Bildgewaltig und wortgewaltig wollte Otto-Herbert Hajek die Welt mit Kunst besser machen. Am 27. Oktober eröffnet das Kunstmuseum Stuttgart eine Schau zu Hajeks Schaffen.
Otto Herbert Hajek wollte Orte, Plätze und Straßen mit Kunst in Handlungsräume verwandeln. Was bleibt von dieser Idee? Antwort gibt das Kunstmuseum Stuttgart – an diesem Freitag um 19 Uhr wird die Schau „Otto Herbert Hajek“ eröffnet.
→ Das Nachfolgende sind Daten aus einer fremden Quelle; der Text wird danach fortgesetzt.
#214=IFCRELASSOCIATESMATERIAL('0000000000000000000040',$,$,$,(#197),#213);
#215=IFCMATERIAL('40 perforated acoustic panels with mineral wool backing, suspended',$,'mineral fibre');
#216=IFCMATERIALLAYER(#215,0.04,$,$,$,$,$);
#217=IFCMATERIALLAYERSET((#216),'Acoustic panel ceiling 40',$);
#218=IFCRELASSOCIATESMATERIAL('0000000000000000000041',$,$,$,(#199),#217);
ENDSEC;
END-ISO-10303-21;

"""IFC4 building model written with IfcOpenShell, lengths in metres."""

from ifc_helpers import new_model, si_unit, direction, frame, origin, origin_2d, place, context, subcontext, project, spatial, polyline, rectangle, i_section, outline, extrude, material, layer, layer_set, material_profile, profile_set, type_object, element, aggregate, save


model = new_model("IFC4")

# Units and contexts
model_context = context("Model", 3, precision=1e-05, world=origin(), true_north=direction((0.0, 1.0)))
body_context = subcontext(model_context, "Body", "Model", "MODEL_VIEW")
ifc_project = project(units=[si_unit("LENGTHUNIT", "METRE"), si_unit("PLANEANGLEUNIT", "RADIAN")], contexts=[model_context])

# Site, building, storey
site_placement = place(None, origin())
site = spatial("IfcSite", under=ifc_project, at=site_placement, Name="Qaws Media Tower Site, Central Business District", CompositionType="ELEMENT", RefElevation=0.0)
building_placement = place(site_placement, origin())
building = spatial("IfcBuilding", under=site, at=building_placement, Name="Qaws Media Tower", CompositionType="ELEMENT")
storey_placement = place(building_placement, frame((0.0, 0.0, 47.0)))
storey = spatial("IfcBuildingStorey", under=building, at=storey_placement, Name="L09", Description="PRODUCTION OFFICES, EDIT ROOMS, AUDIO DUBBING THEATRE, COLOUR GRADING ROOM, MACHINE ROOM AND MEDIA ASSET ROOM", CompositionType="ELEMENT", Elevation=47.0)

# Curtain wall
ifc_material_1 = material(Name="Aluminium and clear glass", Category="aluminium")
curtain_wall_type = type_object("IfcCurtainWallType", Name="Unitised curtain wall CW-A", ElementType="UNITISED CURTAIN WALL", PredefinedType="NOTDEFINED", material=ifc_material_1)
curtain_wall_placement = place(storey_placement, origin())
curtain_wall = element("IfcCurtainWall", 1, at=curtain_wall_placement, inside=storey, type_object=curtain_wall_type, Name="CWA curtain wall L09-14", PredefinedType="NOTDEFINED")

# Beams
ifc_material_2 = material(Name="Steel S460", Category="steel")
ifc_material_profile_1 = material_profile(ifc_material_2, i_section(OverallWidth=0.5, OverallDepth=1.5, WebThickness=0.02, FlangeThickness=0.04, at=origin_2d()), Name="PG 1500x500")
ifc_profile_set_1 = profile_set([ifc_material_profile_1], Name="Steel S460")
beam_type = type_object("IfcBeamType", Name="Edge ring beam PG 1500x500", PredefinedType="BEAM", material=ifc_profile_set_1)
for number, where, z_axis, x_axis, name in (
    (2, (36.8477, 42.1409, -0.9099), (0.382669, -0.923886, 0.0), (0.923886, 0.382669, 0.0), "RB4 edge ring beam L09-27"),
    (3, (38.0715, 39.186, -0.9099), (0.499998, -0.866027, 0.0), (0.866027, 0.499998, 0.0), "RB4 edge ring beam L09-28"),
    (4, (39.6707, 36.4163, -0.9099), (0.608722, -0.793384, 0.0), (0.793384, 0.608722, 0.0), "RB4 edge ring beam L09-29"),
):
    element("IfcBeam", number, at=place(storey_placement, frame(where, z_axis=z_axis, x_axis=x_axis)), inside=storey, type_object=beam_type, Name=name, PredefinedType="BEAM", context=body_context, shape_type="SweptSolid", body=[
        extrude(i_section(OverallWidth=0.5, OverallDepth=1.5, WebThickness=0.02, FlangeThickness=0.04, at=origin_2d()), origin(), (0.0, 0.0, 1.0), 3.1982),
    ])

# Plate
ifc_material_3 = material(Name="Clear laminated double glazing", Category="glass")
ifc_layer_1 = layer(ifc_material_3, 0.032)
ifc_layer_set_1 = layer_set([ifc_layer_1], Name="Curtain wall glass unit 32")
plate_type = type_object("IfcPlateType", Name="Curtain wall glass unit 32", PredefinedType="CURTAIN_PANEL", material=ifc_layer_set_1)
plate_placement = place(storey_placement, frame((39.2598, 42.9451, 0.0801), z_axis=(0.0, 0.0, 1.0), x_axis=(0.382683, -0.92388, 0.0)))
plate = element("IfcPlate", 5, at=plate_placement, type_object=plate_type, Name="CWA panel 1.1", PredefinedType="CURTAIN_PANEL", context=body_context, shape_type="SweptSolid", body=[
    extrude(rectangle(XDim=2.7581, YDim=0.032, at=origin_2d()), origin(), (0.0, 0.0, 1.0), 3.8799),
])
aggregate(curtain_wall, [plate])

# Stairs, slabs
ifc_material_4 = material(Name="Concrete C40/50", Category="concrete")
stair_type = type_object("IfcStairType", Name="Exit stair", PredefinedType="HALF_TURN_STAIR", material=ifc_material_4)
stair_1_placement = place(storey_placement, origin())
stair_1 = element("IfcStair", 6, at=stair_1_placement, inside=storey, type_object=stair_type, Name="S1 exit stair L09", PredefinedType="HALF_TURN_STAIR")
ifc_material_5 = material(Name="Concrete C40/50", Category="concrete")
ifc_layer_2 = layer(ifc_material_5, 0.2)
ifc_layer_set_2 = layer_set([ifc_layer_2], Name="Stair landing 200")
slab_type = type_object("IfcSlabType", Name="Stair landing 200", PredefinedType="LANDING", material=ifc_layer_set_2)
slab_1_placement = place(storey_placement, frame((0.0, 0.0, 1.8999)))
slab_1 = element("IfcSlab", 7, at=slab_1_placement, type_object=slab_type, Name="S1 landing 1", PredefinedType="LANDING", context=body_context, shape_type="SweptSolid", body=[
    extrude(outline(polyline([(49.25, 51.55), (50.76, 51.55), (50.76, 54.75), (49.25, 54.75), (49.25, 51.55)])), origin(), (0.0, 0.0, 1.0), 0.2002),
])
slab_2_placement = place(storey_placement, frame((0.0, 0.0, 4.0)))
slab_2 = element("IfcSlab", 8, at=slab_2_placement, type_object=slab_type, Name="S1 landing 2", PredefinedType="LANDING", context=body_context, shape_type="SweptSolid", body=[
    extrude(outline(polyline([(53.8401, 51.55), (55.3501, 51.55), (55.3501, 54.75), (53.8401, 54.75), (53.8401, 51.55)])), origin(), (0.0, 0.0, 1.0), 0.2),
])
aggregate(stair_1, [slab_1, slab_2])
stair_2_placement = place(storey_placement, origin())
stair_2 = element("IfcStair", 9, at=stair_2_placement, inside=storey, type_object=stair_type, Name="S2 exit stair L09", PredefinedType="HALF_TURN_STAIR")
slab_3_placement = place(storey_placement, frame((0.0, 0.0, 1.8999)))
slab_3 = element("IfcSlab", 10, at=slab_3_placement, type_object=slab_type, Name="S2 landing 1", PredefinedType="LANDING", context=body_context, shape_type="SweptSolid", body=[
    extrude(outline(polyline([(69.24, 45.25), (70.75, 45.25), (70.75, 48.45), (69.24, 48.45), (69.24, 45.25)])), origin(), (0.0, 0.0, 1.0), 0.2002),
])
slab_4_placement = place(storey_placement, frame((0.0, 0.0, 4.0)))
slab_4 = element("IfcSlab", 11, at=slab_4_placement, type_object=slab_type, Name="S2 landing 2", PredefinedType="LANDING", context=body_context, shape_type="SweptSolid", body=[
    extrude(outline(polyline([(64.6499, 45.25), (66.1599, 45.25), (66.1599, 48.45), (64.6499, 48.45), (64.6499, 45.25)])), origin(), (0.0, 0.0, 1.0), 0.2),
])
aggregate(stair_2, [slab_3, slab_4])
Mit Beständen wesentlich aus der 2003 noch durch den 2005 gestorbenen Künstler selbst gegründeten O.-H.-Hajek-Kunststiftung sowie aus der Otto-Herbert-Hajek-Kunststiftung der Sparda-Bank Baden-Württemberg.
Illustrieren zudem einige Großskulpturen im Stadtraum Hajeks Überzeugung „Zeichen ortieren Orte“, ist zugleich noch eine weitere Sicht auf das Werk zu entdecken. Künstlersohn Urban Hajek präsentiert im Galerie gewordenen früheren Stadtatelier Hajeks (Weißenburgstraße 28) eine Schau, die einen Parforceritt durch die Werkentwicklung wagt. Zu sehen: von 10. November an.